O partido Fidesz de Orban ficou a dois votos da maioria de dois terços necessária para validar a emenda, que pretendia tornar ilegal a política de transferência de refugiados decidida pela União Europeia e que deve ser aplicada na Hungria. A iniciativa foi rejeitada por deputados de esquerda e também pelos representantes da extrema-direita da sigla Jobbik.

Esta é a maior derrota legislativa do Fidesz desde o retorno do partido ao poder, em 2010. Orban já tinha sofrido outro revés em outubro, quando o referendo que ele organizou para obter o apoio popular à medida não alcançou a participação mínima exigida de 50% dos eleitores.

De acordo com o sistema europeu de cotas, a Hungria, um país de dez milhões de habitantes, deveria receber 2.352 refugiados. Dos 175 mil pedidos de asilo recebidos pelo bloco, Budapeste aprovou apenas 513, uma das taxas mais baixas da Europa.

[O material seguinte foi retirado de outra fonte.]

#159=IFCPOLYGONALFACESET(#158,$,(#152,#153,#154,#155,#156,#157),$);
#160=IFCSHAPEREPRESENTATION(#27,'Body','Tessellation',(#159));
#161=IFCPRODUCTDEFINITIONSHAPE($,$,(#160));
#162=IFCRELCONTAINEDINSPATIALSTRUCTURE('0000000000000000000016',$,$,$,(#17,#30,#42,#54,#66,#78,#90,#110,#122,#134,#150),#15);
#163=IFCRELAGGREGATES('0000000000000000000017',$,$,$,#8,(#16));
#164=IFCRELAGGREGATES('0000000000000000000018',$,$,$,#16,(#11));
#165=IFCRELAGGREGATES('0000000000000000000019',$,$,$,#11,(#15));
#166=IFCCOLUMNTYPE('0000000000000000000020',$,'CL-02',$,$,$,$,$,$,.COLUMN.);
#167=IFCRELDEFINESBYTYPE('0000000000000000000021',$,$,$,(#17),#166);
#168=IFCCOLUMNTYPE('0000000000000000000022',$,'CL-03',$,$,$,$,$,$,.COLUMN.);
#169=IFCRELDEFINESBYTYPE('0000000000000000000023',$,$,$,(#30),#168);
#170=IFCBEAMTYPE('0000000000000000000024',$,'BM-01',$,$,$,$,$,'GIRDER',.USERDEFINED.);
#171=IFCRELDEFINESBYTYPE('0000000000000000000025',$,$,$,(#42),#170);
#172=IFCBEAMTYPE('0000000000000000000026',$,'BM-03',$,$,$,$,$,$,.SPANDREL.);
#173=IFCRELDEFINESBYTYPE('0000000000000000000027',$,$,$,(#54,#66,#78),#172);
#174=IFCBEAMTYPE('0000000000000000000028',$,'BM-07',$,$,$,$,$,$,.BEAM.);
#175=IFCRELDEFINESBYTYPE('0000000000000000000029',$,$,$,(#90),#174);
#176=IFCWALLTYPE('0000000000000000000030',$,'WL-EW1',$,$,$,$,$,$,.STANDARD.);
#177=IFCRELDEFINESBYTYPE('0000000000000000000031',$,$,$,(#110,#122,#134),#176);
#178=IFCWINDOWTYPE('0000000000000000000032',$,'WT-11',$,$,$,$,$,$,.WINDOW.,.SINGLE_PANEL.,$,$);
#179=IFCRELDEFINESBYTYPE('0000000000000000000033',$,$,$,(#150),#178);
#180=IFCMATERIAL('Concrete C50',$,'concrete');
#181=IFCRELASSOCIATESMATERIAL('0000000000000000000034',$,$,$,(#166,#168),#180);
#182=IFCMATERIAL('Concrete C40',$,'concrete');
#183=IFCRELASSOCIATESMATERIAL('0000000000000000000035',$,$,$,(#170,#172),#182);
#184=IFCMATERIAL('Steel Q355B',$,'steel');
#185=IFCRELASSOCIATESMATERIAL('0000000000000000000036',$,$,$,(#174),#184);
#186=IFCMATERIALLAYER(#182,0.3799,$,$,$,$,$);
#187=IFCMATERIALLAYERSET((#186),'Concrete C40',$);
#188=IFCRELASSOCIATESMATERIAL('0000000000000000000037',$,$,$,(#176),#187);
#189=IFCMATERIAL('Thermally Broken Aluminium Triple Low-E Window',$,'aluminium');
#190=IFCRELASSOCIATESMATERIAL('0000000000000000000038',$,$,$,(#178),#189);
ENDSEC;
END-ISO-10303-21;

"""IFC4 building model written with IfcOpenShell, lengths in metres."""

Orban perdeu por não ceder à extrema-direita

Em princípio, os extremistas de direita do Jobbik não eram contra a medida, mas eles condicionaram seu apoio ao governo à retirada de uma autorização de residência concedida desde 2013 a abastados investidores não europeus. Orban se recusou a ceder e acabou colhendo o revés no Parlamento.

Para o Jobbik, essas isenções representam uma lacuna em favor da imigração e um perigo potencial para a segurança do Estado, uma vez que "os terroristas ricos", de acordo com o partido, podem se beneficiar desse dispositivo.

Embora presentes na Câmara, os deputados Jobbik, assim como os socialistas, não participaram na votação. Os representantes eleitos do partido de extrema-direita agitaram uma faixa com os dizeres: "O traidor é aquele que permite a entrada de terroristas em troca de dinheiro".

No total, a proposta de emenda constitucional recolheu 131 votos, os de Fidesz e de um pequeno partido aliado cristão-democrata. A maioria qualificada exigida era de 133 votos.